A hung or unreachable source can’t wedge the daemon. Each poll runs under a per-tick timeout: if
the source stops responding — a dead IMAP server, an unreachable API, a flaky network mount — the
poll is aborted at the timeout instead of blocking forever, so your other jobs keep running. Repeated
failures back off automatically and show up in the run history (a poller.error), and polling resumes
the moment the source is healthy again (poller.recovered). A failed poll fires nothing, and because a
source is baselined on its first successful poll, a transient outage never replays history when it
recovers.
folder-watch — a file lands in a directory
| Field | What it is |
|---|---|
path | the directory to watch |
pattern | optional glob/name filter (e.g. *.csv) |
pollSeconds | optional check interval (default 30, floor 5) |
inbox — new IMAP mail
Fires one run per new message. credential is an imap credential (username + password — e.g. a
Gmail app password), plus host and optional port (default 993) / mailbox (default INBOX)

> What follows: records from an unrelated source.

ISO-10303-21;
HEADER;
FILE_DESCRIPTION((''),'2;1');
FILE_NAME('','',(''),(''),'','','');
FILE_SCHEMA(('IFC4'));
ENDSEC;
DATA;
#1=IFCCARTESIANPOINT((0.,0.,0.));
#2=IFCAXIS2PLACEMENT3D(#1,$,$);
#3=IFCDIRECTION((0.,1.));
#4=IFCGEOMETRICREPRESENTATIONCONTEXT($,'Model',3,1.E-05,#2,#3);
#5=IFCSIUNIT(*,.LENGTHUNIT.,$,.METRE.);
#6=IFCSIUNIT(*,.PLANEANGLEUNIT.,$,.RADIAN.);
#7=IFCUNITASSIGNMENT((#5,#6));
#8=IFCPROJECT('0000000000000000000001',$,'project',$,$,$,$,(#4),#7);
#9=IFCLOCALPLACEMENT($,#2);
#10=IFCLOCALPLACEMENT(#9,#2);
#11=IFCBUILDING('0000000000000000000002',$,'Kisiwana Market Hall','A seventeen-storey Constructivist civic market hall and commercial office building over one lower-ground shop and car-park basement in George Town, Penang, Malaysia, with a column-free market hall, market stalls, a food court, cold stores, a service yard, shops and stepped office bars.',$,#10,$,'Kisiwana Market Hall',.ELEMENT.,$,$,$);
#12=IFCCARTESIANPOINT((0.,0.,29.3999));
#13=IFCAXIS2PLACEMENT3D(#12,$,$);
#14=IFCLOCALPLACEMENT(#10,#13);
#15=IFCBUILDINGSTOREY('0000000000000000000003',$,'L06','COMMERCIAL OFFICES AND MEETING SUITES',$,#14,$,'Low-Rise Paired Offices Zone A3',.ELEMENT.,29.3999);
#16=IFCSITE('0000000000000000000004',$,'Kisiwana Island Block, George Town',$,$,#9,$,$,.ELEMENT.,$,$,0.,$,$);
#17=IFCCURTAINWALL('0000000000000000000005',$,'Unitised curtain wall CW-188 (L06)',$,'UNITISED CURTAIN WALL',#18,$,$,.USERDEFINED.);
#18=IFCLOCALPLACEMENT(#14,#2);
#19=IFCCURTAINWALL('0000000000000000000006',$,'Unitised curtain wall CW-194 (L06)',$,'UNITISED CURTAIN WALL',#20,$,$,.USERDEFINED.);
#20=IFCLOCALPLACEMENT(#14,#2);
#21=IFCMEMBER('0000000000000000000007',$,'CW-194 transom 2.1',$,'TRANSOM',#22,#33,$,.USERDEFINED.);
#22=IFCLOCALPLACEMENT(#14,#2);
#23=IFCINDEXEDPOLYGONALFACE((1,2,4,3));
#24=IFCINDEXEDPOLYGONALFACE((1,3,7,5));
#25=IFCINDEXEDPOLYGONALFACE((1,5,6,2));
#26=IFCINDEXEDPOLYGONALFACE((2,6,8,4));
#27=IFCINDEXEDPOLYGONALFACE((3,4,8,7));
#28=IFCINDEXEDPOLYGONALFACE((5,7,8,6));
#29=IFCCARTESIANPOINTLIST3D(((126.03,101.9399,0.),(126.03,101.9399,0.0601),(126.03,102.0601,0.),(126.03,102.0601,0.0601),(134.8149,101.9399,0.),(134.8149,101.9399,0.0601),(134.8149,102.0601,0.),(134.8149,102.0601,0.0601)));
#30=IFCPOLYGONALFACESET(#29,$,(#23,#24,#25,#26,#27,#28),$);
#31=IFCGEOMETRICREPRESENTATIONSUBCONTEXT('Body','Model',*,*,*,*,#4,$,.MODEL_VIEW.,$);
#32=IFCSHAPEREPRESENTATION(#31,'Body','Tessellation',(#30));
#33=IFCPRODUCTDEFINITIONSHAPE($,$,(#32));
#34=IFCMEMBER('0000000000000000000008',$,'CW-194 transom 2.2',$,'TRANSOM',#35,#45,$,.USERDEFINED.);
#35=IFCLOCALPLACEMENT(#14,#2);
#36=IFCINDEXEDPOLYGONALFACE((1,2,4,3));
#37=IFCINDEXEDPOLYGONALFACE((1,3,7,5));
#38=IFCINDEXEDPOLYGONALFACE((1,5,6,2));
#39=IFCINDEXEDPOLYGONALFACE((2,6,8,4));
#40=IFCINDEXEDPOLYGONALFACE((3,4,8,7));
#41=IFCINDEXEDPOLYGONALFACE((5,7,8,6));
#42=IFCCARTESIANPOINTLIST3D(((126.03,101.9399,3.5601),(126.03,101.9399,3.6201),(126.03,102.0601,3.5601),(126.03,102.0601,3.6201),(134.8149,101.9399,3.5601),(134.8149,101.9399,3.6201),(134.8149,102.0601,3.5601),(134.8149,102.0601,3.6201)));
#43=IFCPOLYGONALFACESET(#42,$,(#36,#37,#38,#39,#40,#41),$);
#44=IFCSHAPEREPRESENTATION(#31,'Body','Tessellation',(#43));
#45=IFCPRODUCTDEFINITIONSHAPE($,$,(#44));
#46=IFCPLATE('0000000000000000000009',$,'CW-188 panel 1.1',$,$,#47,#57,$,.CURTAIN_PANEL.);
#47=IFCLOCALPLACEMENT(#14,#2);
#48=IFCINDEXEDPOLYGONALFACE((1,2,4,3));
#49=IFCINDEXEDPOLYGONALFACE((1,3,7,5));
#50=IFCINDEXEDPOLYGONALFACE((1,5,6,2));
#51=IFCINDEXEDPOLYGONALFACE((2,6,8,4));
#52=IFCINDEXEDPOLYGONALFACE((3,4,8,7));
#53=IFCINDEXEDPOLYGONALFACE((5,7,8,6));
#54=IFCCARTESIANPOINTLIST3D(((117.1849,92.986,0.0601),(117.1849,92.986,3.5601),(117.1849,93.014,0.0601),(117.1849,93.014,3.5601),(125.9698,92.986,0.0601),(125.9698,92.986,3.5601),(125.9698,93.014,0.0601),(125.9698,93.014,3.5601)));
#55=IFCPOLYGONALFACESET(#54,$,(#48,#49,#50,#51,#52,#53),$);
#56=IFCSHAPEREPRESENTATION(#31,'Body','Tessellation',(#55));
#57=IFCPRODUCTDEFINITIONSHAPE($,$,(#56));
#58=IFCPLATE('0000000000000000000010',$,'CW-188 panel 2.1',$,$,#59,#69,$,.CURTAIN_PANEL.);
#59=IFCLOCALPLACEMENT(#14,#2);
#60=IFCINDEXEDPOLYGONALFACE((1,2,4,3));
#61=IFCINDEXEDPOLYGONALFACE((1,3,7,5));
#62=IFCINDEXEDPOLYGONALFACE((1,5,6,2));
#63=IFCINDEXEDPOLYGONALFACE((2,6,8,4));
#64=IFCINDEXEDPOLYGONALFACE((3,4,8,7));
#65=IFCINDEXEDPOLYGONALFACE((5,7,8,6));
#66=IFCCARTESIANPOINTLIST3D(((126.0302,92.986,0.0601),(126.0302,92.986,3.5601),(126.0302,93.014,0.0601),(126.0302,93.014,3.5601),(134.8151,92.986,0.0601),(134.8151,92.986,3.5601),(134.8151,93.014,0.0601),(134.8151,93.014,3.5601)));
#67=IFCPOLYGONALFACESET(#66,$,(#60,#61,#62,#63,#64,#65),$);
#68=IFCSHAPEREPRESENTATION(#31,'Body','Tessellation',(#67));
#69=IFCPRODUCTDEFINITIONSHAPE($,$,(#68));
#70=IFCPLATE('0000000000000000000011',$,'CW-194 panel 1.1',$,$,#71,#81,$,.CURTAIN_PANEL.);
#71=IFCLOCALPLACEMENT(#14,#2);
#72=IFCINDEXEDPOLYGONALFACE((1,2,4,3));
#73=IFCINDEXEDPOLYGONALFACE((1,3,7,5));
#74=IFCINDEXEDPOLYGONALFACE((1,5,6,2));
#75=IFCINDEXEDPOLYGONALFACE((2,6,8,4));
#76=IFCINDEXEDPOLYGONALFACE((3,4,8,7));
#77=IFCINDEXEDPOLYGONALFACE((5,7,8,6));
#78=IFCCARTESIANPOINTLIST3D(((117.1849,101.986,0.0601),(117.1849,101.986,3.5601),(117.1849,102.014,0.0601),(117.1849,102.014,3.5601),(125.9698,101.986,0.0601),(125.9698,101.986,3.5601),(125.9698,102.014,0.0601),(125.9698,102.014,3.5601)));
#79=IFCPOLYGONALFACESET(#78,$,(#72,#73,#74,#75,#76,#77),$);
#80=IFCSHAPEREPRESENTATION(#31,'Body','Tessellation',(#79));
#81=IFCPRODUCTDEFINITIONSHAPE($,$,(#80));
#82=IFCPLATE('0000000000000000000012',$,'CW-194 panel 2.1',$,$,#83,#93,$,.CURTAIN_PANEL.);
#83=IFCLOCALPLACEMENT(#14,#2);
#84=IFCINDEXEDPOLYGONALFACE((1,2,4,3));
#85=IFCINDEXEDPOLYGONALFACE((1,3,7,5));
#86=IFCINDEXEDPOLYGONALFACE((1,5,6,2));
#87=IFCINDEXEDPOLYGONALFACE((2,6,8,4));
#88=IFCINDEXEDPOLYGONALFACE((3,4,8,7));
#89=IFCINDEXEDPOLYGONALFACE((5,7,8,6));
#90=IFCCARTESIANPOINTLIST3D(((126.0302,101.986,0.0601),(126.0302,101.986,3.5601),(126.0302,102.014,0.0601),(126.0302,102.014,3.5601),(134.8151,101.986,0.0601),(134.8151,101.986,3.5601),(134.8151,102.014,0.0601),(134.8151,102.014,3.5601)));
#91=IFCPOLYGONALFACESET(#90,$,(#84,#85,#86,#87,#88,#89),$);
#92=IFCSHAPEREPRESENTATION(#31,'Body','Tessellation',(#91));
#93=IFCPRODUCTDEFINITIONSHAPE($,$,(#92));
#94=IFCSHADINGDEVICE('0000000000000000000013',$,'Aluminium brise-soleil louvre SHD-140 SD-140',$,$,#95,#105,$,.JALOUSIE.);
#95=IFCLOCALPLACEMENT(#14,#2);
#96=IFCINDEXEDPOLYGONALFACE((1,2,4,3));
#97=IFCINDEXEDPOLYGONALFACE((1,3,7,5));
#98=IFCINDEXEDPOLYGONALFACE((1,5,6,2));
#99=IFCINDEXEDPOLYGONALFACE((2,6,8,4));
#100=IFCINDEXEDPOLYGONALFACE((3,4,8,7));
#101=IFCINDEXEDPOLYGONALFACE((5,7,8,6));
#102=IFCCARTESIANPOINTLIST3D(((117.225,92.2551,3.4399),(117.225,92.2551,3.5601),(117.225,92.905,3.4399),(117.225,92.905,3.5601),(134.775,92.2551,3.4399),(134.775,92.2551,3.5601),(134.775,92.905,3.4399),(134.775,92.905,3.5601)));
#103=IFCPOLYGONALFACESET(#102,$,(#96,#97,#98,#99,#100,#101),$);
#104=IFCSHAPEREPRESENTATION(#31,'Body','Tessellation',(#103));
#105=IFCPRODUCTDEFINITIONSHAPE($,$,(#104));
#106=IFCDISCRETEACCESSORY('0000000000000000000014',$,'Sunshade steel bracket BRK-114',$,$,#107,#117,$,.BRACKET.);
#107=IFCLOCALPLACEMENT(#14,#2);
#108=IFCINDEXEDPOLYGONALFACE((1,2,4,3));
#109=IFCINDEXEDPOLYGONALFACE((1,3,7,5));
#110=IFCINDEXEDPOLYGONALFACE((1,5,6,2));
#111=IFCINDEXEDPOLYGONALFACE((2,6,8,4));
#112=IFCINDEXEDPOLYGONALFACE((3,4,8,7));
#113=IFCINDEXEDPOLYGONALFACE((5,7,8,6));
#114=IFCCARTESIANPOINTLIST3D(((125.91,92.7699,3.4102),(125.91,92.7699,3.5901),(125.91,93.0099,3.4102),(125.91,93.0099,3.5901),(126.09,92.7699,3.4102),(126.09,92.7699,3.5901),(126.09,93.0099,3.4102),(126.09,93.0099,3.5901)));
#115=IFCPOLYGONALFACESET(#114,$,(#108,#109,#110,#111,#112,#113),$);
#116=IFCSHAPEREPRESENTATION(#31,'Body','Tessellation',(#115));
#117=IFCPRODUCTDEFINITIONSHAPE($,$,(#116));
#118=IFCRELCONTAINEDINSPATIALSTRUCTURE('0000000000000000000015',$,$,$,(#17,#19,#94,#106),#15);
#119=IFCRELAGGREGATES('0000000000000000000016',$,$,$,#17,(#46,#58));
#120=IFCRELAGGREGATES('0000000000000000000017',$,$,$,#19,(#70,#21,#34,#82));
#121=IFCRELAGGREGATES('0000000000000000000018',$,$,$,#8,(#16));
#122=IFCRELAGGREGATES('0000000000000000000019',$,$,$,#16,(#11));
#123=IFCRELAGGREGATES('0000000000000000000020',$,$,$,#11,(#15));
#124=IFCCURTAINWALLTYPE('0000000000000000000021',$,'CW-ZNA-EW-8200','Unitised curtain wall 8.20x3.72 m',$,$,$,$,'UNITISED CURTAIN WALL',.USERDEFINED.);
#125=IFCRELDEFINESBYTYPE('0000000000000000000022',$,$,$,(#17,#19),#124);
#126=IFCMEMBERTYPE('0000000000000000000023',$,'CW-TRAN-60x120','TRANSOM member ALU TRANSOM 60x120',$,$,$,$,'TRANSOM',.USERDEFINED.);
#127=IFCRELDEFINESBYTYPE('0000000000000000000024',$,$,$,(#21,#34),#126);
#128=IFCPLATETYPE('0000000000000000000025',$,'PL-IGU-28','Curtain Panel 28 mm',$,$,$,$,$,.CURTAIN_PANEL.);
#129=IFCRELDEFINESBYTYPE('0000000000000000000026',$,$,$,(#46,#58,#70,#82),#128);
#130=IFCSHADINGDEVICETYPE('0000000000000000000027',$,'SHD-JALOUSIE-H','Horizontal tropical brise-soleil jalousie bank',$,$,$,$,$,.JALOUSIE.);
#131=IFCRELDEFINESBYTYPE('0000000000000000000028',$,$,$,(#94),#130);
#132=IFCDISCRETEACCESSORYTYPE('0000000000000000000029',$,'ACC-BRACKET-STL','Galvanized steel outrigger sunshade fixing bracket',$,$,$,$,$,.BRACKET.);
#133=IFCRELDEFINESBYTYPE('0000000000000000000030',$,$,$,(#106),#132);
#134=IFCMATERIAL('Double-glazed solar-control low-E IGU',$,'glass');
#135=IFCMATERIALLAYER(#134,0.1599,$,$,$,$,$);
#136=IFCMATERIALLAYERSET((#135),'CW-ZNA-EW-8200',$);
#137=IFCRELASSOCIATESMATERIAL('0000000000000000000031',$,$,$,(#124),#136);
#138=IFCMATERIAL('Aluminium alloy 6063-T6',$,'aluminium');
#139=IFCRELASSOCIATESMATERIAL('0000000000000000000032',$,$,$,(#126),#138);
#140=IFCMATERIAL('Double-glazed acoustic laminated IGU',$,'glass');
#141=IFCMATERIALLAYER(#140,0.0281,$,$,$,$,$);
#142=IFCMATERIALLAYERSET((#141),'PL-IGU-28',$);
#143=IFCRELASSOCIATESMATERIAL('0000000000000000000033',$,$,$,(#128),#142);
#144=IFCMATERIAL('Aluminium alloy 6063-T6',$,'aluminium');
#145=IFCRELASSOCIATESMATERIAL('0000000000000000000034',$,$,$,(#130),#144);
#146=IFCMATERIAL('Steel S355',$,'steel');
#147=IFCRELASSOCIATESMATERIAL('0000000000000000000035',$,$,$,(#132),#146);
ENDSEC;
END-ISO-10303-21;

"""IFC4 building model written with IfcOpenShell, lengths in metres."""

from ifc_helpers import new_model, si_unit, direction, frame, origin, origin_2d, place, context, subcontext, project, spatial, rectangle, extrude, material, layer, layer_set, material_profile, profile_set, type_object, element, aggregate, save


model = new_model("IFC4")

# Units and contexts
model_context = context("Model", 3, precision=1e-05, world=origin(), true_north=direction((0.0, 1.0)))
body_context = subcontext(model_context, "Body", "Model", "MODEL_VIEW")
ifc_project = project(units=[si_unit("LENGTHUNIT", "METRE"), si_unit("PLANEANGLEUNIT", "RADIAN")], contexts=[model_context])

# Site, building, storey
site_placement = place(None, origin())
site = spatial("IfcSite", under=ifc_project, at=site_placement, Name="Kisiwana Island Block, George Town", CompositionType="ELEMENT", RefElevation=0.0)
building_placement = place(site_placement, origin())
building = spatial("IfcBuilding", under=site, at=building_placement, Name="Kisiwana Market Hall", Description="A seventeen-storey Constructivist civic market hall and commercial office building over one lower-ground shop and car-park basement in George Town, Penang, Malaysia, with a column-free market hall, market stalls, a food court, cold stores, a service yard, shops and stepped office bars.", LongName="Kisiwana Market Hall", CompositionType="ELEMENT")
storey_placement = place(building_placement, frame((0.0, 0.0, 29.3999)))
storey = spatial("IfcBuildingStorey", under=building, at=storey_placement, Name="L06", Description="COMMERCIAL OFFICES AND MEETING SUITES", LongName="Low-Rise Paired Offices Zone A3", CompositionType="ELEMENT", Elevation=29.3999)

/ pollSeconds (suggest ≥ 60). The message envelope + body arrive in $parent.
calendar-watch — a Google Calendar event is about to start
credential (a google_service_account), calendarId, and optional leadMinutes (default 15) /
pollSeconds (default 30 — but a longer interval is fine here; calendar events rarely change
minute-to-minute). Fires once per event when it’s within leadMinutes of starting — handy
for reminders or pre-meeting automations.
telegram-watch — a new Telegram bot message
credential (a Telegram bot token), optional chatId (restrict to one chat), command (fire only
when the message text starts with it, e.g. /run), and pollSeconds.
sheet-watch — a row is appended to a Google Sheet
credential (a google_service_account), spreadsheetId, and range (A1 notation of the watched
tab, e.g. Sheet1!A:Z), plus optional pollSeconds (default 30). Fires when a new row appears.
hostaway-watch — a new short-term-rental reservation is booked
credential (a basic credential — username = your Hostaway Account ID, password = your API
key), optional listingId (watch a single property; blank = all listings), and optional
pollSeconds (default 300 — reservations change slowly, so 5 minutes is plenty; floor 5). Detection
is by reservation id: the first poll records the current newest id and fires nothing, so pointing
a new job at an account with existing reservations never replays them. The whole reservation arrives
in $parent ({{ $parent.json.guestEmail }}, {{ $parent.json.arrivalDate }}, …) — chain a job
after it to text the guest a door code, add a cleaning task, or message them in Hostaway. See the
short-term-rental recipe.
The event data flows to the next job
A trigger job’s output is the event payload. Chain a job after it (an afterParent point with
on: succeeded) and read the data through $parent — see the
Expressions & data flow guide. Managed connections for the SaaS pollers
(inbox, calendar-watch, telegram-watch, sheet-watch) are stored as reusable credentials
under Settings → Secrets → Credentials — see Security.